Data Protection

On 25 January 2012 the European Commission published its proposed package of reforms for the Data Protection Directive 1995, which was implemented into UK law as the Data Protection Act 1998. The comments period closed on March 7. The reform package will now pass to the European Parliament and the EU member states (meeting in the Council of Ministers) for discussion. The final package will take effect two years after adoption.

Data protection law is an important part of preserving personal privacy rights, which otherwise could be easily overwhelmed by the power of government agencies and corporations that hold information about individuals. Despite the many changes in the landscape since 1995 – at that time companies like Google and Facebook were yet to be founded, and mobile phones were used by only a tiny percentage of the population – the basic principles have held up well.
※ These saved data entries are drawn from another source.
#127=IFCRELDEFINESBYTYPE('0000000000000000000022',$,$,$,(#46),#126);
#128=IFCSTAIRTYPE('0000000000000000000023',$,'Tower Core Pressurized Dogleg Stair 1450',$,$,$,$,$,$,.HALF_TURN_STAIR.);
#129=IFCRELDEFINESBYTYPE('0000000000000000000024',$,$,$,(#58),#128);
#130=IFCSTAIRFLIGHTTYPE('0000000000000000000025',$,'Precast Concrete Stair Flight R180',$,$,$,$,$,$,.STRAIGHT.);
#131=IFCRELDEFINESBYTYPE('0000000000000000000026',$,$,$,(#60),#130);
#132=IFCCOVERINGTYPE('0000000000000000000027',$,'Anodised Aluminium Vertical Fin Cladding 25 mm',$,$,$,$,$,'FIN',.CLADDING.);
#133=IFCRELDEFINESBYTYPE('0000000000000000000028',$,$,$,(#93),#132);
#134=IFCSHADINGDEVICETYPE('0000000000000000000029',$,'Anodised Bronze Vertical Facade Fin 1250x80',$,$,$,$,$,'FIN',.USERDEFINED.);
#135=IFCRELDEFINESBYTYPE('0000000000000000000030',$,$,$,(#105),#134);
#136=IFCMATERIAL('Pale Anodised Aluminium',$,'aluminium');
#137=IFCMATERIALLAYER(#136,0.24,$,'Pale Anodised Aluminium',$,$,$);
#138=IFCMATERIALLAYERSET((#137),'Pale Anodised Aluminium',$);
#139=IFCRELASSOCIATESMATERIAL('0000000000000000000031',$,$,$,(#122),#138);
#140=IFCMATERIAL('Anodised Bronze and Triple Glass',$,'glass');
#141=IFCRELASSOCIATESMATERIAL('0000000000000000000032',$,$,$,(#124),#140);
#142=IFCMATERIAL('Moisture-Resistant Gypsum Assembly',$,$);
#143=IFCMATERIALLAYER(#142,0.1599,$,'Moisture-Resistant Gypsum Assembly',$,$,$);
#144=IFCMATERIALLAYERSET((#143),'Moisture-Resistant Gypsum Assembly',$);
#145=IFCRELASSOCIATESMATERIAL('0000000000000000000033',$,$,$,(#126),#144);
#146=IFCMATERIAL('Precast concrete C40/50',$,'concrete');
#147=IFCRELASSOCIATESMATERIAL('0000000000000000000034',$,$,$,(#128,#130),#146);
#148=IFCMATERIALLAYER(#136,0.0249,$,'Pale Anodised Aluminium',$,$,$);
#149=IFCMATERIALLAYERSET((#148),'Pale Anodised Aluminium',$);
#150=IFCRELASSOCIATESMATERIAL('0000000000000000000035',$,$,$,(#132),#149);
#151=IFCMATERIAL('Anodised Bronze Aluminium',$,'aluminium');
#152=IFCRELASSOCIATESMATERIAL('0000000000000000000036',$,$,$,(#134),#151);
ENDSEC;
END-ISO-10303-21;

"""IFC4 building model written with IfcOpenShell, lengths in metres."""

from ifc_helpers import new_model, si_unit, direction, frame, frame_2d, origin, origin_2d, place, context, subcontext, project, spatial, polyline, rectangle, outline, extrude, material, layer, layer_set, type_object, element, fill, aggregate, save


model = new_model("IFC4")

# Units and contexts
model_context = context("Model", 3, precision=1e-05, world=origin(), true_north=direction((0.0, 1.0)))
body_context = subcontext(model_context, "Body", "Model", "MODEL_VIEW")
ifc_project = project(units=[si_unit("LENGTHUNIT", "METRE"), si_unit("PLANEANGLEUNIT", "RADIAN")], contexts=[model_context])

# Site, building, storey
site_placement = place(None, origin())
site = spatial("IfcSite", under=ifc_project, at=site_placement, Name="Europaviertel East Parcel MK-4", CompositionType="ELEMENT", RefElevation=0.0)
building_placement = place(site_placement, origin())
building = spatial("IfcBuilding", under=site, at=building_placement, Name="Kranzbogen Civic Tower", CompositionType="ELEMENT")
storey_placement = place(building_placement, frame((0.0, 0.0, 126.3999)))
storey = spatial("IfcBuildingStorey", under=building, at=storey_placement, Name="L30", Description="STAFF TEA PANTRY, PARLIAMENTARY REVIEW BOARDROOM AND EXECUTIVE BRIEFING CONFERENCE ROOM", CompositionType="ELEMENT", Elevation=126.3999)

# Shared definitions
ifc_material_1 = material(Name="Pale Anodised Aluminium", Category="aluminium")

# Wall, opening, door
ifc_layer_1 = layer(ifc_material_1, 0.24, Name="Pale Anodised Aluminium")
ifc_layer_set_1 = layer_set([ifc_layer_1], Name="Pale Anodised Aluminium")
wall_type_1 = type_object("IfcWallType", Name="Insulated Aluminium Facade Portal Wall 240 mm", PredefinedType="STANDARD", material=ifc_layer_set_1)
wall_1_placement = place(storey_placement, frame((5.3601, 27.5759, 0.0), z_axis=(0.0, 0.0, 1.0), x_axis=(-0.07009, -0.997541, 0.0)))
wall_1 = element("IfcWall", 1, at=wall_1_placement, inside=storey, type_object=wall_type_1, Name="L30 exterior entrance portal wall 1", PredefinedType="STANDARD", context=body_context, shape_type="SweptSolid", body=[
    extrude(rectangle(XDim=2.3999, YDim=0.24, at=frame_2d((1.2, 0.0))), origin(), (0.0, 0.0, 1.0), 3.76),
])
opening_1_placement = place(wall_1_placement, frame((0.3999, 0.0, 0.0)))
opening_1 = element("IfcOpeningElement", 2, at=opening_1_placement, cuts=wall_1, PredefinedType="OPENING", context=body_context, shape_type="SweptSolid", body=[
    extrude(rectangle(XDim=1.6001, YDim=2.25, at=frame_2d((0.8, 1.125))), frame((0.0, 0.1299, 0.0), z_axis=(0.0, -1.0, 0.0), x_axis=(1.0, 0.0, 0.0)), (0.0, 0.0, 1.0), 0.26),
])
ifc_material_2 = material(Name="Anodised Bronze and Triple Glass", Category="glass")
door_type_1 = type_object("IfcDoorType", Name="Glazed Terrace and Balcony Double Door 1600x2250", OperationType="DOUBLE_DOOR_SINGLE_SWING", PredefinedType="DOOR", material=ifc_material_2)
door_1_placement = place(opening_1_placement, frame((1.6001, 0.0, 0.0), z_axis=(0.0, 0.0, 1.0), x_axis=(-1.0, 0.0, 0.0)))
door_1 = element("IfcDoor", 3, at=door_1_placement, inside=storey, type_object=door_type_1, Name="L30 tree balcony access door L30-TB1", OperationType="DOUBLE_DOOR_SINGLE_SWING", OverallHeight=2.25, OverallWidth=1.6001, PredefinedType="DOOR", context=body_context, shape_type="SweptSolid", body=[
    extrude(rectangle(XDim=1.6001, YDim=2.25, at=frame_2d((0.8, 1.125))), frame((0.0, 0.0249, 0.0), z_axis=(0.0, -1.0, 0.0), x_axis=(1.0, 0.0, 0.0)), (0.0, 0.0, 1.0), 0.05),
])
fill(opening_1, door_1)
What the reforms seek to do is improve the consistency of the directive's operation across the EU's 27 member countries, lower compliance costs for businesses, and make data protection regulators more accountable. The package also seeks to add new citizen rights such as the right to data portability (so that you can download all the data a particular company has about you in a format you can use) and the right to delete your data, also popularised as the right to be forgotten.
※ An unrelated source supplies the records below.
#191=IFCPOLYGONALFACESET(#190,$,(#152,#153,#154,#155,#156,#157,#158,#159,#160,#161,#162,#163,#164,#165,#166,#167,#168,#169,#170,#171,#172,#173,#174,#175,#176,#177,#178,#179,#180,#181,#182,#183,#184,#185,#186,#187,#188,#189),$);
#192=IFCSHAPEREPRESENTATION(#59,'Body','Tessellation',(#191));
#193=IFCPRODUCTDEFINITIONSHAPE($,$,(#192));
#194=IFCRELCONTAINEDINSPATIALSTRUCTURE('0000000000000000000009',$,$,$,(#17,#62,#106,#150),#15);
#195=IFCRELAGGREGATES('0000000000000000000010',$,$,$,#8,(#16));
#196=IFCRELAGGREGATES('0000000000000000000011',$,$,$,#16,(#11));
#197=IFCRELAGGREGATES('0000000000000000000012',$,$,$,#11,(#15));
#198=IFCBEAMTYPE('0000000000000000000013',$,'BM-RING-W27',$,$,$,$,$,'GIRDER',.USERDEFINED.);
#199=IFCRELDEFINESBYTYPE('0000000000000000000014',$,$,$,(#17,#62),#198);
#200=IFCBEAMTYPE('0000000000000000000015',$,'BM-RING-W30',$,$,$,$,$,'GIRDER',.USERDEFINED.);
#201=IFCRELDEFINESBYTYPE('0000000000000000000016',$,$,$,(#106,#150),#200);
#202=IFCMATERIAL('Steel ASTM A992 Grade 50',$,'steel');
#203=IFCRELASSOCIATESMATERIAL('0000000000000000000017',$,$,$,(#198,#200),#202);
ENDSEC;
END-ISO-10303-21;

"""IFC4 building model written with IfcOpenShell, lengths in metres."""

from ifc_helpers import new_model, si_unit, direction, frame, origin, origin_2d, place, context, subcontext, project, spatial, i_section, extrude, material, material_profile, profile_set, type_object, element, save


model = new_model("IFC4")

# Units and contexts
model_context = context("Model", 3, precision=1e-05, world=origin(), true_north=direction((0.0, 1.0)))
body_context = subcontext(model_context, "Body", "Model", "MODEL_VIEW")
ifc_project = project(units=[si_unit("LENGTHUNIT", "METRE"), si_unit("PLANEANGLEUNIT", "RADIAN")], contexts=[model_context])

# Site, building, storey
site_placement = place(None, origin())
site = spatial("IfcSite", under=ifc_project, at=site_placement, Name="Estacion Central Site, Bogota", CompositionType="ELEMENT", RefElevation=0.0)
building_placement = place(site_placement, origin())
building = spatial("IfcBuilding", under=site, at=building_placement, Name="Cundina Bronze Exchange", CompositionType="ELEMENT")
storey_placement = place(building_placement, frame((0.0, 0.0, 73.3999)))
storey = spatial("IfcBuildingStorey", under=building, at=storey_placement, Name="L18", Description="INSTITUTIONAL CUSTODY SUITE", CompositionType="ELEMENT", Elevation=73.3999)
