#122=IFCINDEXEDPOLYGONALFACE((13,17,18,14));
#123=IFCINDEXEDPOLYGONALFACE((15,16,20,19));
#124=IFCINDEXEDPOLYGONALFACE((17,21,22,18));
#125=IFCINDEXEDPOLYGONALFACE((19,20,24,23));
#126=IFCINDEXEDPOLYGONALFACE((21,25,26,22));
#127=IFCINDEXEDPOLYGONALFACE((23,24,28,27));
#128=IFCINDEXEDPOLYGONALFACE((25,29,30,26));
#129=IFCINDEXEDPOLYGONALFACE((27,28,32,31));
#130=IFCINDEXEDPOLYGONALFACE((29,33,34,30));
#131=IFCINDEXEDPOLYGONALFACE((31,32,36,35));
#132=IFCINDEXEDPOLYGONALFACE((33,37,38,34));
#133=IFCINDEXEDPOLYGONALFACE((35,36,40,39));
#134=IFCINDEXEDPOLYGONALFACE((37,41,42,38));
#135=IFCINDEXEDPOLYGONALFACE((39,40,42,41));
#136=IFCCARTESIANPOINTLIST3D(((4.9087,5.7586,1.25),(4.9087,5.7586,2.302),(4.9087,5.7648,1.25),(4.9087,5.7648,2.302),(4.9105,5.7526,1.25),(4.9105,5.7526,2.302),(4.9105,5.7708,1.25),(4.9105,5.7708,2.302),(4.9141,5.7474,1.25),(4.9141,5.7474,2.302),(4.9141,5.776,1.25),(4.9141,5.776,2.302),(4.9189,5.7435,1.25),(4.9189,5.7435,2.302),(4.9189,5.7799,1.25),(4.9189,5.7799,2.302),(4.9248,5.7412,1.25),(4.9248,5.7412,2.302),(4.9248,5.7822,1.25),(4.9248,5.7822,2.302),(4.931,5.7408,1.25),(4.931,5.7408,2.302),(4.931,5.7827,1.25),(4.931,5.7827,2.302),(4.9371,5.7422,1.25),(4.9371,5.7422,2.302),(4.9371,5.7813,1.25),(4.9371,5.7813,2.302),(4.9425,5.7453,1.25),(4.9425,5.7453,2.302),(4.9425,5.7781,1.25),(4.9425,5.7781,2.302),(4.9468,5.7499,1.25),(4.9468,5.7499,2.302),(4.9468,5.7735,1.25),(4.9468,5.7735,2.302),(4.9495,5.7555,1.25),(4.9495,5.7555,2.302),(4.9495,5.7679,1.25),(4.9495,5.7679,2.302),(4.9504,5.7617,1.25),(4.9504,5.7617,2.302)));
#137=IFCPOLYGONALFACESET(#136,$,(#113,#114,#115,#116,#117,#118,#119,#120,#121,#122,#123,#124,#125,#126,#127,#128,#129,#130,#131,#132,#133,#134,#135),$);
The Open Rights Group believes that individual privacy is a key human right and that data protection law is both an important protector of individual privacy and a necessary part of ensuring a fair balance of power between individuals and large organisations. Citizens need the law to assure them of the ability to control the use of their data, while today's international, data-driven businesses would prefer to have as few restrictions as possible. Large American companies in particular would like standards to be kept low and to be allowed to set their own rules, much as they do in the US, where privacy rights are governed by the lengthy contracts – privacy policies – users are expected to read and agree to.

"Information is the oil of the 21st century," said Mark Getty, the oil magnate's grandson, and on that basis ORG believes it is anti-competitive to allow individual companies to build up large silos of data they can use to lock users into their services. Increasingly, privacy is not only a human right but also part of the right to choose whom to do business with.

ORG has in general welcomed the Commission's proposals, in particular the increased consistency in the law's application across the EU; the clearer test for applicability of EU law; the principles of "privacy by design" and "privacy by default"; the requirement for notification when there are data breaches; and the right for organisations to represent individuals whose privacy rights have been harmed. More problematic are the proposals surrounding the transfer of data to non-EU countries, which fail to resolve concerns that data held in the US, particularly about EU citizens' political activities, is subject to subpoena under the Foreign Intelligence Surveillance and PATRIOT Acts. ORG believes that the proposals for data portability could also be improved; greater interoperability between services is needed, particularly with respect to smartphones, whose use is often tied to a user ID on a matching online service (for Androids, Google, and for iPhones, Apple). ORG also favours increased use of privacy risk assessments when new technology systems such as Oyster and smart meter systems are deployed.

Finally, ORG is concerned that the maximum applicable fine has been reduced to 2 percent of global corporate income (from 5 percent in earlier leaked draft), presumably in response to commercial pressure. ORG believes that strong sanctions and protections are necessary to prevent EU citizens' fundamental rights from being trampled upon.

The data protection reforms, when finalised, will also provide an opportunity for the UK to revamp its national data protection law and the functioning of the Information Commissioner's Office, both of which are weak and ineffective compared to those of other EU countries. The UK Act is not in compliance with the 1995 directive. In 2010, the European Commission asked the UK to strengthen the ICO's powers as required by EU law.